Strangely fatal UDP issue on Windows...

UPDATED: 23 August 2021 see here

One of my clients runs game servers on the cloud. They have an AWFUL lot of them and have run them for a long time. Every so often they have problems with DDOS attacks on their servers. They have upstream DDOS protection from their hosting providers but these take a while to recognise the attacks and so there’s usually a period when the servers are vulnerable. Recently we’ve seen a DDOS on UDP that caused them problems. Initially we thought that it was a recent code release that had made the servers less stable; it was, but only in the sense that some tracing code has made the UDP recv path fractionally less efficient and this had exposed a problem that had been in the server all along. After spending a while in triage with the updated code we narrowed it down to two small code changes and removed them. Since the removal of these changes made no sense in terms of the problem we were seeing I suggested adding a small, harmless, delay in the udp recv path. Immediately the problem was back.

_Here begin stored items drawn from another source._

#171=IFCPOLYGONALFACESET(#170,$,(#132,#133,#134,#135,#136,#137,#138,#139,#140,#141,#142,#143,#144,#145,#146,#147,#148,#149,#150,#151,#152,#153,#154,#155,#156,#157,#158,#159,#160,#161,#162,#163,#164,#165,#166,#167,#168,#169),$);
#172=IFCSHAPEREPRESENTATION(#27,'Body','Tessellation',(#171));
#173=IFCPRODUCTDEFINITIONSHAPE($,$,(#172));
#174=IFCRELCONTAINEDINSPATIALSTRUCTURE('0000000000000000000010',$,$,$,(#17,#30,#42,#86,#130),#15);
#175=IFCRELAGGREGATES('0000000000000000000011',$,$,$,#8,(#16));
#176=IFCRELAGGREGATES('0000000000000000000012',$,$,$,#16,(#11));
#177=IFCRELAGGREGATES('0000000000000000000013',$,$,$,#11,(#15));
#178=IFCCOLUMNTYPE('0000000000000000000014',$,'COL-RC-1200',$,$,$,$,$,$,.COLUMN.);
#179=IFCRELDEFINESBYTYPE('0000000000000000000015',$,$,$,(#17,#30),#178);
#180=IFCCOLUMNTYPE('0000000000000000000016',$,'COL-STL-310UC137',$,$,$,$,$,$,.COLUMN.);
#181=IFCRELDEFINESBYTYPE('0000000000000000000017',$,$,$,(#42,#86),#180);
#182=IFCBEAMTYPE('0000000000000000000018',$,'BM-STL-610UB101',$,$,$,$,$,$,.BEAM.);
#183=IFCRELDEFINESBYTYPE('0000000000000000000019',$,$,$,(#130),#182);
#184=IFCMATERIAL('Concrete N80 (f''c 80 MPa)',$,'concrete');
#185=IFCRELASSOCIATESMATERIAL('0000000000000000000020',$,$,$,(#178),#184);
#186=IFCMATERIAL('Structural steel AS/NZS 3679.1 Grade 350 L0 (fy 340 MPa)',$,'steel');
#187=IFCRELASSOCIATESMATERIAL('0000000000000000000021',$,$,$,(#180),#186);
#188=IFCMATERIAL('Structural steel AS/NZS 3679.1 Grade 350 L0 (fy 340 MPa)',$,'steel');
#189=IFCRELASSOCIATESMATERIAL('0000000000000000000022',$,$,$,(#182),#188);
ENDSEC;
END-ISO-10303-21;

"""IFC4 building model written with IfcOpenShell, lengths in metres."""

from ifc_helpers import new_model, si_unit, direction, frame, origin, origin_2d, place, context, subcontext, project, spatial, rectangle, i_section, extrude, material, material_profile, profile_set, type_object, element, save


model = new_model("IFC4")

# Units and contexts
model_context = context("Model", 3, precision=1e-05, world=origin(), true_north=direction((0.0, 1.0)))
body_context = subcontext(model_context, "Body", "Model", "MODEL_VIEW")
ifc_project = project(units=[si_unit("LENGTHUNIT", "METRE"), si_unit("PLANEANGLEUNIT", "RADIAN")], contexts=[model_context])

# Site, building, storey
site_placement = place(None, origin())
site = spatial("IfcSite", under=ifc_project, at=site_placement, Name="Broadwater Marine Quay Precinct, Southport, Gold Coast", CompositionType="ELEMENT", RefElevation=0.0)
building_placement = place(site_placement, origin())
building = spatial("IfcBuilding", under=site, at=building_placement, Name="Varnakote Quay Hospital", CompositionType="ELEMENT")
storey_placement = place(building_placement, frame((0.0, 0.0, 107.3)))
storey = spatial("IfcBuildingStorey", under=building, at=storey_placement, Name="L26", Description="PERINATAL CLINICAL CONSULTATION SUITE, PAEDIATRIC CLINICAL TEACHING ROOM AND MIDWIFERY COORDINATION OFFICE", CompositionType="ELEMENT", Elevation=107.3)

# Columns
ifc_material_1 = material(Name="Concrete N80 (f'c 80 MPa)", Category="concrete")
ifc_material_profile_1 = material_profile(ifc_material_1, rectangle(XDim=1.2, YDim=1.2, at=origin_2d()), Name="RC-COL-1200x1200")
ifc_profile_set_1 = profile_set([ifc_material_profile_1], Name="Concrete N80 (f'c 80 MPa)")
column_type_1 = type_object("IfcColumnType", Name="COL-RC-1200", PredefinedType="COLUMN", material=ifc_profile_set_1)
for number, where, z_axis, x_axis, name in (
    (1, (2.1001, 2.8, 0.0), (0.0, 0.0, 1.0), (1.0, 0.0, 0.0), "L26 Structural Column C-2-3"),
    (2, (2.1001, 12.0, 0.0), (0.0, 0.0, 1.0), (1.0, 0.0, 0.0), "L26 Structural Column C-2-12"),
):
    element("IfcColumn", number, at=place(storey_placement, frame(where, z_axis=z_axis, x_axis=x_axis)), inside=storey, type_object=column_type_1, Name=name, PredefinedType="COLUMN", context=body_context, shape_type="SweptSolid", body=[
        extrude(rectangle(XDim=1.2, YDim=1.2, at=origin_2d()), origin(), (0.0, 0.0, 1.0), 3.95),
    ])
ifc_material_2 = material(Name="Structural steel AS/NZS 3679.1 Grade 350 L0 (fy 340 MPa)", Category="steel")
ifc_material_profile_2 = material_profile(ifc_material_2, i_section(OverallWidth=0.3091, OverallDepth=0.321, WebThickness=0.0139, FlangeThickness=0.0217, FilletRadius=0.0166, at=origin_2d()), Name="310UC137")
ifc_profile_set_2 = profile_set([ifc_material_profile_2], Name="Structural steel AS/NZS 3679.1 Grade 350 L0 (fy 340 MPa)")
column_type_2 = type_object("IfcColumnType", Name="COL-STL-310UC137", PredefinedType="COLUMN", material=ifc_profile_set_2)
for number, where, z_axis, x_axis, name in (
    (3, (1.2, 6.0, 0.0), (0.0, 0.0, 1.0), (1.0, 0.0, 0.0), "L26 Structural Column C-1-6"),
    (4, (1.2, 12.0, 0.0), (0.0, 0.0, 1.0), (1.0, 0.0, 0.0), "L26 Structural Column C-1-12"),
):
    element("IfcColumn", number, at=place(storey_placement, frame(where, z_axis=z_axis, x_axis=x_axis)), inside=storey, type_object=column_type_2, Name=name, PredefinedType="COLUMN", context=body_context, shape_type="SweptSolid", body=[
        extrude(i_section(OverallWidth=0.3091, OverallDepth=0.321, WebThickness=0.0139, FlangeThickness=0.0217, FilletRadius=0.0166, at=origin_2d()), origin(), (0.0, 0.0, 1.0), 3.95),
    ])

This morning I managed to reduce the problem to some code that didn’t include their server at all. The simplest synchronous UDP receiver and a simple UDP traffic generator running on a machine using either a real IP or localhost can demonstrate the problem. If the receiver isn’t running and the load generator is pushing datagrams into a black hole then there’s no problem. If the receiver is running fast enough then no problem. If the receiver has a delay in the receive loop then non-paged pool memory starts to grow at a rather fantastic rate.

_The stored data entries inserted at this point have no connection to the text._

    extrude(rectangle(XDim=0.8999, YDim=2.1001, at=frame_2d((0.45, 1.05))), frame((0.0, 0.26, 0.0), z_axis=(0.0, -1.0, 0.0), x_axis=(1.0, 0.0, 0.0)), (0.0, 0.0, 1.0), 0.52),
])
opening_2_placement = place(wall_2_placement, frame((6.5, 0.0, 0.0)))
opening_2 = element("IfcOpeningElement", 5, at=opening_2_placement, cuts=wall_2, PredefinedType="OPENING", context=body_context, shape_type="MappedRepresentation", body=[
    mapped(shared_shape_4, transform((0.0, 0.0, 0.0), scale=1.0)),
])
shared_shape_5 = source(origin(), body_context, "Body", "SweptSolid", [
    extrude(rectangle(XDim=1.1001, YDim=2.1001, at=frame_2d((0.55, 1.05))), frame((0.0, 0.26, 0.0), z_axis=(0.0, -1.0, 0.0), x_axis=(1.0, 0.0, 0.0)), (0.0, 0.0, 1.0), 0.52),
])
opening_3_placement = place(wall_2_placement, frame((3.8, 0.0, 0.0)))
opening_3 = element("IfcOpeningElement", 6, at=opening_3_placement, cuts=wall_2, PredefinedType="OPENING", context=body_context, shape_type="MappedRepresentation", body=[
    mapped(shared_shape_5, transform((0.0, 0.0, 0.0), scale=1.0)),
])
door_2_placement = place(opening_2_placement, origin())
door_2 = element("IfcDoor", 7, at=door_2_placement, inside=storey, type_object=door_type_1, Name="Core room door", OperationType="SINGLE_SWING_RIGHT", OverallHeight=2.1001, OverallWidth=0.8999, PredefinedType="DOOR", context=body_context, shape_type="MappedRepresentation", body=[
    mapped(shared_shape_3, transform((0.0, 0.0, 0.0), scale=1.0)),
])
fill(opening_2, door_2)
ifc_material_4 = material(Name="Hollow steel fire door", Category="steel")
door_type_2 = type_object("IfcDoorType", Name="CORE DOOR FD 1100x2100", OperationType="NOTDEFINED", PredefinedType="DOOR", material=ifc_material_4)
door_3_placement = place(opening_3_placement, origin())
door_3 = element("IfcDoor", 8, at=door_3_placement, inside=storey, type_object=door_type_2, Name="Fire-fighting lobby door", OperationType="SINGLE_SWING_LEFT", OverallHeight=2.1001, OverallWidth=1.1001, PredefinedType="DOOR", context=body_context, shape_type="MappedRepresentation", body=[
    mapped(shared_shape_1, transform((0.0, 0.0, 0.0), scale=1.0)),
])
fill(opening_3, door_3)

More worrying is that if you bind a UDP socket to a port and then do NOT issue a recv call and a sender sends a stream of datagrams to that port then this causes non-paged pool usage to grow. Once you start to issue recv calls the non-paged pool usage will go down as you chew through the queued datagrams and as long as you can read the datagrams faster than the sender can send them then there’s no problem… I really should run a test to destruction with this, but there’s no sign of it slowing down and I really don’t want to make my development box blue screen this morning.

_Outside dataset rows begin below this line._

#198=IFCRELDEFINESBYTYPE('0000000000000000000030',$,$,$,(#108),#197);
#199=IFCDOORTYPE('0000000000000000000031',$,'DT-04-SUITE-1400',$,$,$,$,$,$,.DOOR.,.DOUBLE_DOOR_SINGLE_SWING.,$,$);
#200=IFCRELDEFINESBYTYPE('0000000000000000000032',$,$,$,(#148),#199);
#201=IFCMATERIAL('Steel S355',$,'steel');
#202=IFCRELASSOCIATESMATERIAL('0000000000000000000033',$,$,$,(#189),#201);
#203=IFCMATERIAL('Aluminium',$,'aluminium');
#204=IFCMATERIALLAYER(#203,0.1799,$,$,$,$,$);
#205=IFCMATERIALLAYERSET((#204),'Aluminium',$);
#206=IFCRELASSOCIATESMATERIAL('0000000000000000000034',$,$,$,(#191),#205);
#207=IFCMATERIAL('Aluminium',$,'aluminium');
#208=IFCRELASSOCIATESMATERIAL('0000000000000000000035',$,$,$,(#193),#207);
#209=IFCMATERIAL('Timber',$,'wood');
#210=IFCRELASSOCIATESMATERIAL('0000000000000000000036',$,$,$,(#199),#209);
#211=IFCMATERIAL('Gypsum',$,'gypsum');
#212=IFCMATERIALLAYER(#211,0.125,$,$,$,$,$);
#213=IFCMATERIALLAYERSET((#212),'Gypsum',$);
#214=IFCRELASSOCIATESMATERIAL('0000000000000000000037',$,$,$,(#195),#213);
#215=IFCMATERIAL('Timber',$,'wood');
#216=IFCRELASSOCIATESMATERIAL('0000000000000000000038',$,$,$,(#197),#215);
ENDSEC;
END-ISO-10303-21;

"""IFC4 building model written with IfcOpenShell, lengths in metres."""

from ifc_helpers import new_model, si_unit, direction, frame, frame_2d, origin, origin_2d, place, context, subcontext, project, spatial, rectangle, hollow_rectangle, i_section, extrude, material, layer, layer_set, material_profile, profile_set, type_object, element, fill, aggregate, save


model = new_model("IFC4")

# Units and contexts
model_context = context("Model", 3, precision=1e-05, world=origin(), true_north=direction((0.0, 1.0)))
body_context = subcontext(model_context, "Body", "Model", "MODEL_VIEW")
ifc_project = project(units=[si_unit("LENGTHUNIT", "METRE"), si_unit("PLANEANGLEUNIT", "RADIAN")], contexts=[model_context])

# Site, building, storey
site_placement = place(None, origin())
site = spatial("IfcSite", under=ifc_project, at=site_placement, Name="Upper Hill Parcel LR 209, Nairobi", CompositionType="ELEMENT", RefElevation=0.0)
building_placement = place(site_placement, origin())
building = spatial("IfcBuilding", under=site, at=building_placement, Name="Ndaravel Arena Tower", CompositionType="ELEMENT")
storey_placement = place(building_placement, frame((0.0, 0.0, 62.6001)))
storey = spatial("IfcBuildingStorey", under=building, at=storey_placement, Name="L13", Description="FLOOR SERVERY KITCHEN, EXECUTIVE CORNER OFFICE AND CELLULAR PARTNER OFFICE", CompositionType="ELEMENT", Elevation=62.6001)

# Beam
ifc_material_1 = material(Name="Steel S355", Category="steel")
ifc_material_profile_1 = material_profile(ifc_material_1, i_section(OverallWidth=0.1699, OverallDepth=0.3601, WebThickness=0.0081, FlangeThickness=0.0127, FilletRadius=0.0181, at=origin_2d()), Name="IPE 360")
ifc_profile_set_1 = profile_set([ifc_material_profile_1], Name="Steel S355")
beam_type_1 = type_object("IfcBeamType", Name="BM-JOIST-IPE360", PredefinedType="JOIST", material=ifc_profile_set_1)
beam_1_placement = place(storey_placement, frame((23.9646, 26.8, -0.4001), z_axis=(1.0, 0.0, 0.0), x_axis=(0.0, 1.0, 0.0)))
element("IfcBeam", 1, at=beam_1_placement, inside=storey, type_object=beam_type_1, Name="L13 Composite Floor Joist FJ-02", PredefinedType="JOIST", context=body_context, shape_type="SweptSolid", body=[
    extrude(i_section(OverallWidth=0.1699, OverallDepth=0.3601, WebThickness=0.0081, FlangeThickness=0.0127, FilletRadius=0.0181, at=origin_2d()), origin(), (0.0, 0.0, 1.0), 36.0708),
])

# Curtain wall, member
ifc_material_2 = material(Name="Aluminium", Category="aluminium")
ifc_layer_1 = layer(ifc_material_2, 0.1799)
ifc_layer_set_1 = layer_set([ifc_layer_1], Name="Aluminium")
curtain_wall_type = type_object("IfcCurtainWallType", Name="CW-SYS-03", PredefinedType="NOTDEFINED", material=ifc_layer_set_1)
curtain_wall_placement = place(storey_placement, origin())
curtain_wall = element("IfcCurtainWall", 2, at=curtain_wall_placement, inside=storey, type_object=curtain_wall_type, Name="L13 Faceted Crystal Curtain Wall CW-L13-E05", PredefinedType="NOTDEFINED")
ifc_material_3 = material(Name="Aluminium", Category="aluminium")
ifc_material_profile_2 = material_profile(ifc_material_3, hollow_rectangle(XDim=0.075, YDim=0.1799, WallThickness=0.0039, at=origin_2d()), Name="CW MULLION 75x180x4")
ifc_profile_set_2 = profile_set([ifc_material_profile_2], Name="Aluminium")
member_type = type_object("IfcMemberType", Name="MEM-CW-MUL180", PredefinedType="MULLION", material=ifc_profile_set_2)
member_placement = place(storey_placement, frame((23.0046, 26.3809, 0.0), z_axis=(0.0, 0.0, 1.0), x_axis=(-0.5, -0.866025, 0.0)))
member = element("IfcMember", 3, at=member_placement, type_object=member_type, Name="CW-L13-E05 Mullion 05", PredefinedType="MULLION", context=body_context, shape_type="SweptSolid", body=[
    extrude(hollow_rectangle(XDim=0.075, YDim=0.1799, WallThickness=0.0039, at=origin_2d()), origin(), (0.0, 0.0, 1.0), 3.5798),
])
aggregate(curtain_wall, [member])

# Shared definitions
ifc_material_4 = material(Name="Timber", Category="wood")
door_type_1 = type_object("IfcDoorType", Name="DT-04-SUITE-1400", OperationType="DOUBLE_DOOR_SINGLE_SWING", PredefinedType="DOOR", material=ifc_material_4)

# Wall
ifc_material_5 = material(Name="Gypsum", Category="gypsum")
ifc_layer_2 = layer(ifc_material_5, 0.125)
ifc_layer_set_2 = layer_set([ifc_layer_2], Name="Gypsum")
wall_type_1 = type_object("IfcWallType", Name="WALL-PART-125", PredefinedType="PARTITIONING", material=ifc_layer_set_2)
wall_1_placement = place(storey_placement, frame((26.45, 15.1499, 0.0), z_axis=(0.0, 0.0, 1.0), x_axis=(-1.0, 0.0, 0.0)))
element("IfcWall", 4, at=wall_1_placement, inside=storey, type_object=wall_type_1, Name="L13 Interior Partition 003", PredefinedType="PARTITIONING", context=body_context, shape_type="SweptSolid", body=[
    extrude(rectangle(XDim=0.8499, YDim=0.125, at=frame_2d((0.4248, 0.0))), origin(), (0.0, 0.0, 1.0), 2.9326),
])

I expect that this is some “new-fangled nonsense” in the Windows network stack. Probably a service that’s doing “something useful” and doesn’t throw datagrams away if its source is providing them faster than its sink can consume them. This seems to be a common problem. There seems to be a real reluctance for people to throw network data away if the consumer can’t keep up. I’ve seen this before with network drivers that consume massive amounts of non-paged pool when failing to process outbound offloaded CRC calculations fast enough and when network drivers have ‘flow control’ options enabled which means they try and slow down data flow when the peer can’t keep up with them. At some point a decision needs to be made to throw data away but nobody ever seems to want to be the one to make that decision. Instead non-page pool becomes exhausted and boxes blue screen. At least with these NIC related issues you have a chance to exercise some control in your sending code, you can generally spot that the NIC is slowing down, even if you’re using asynchronous sends and you can decide to reduce the amount you’re sending. I’m pretty sure that, for once, it’s not network drivers this time. The problem is clearly demonstrated using localhost with no network needing to be present. However, network driver issues are easy to work around, usually being send related where we can make code changes or a component that is easy to swap out for another brand…

So, for now, we have a cunning plan to fix the DDOS, a potential support call to Microsoft and some long term grunt work disabling various network related services to see if we can work out where the problem is. Hopefully it’s something obvious that I’m missing or just me being an idiot.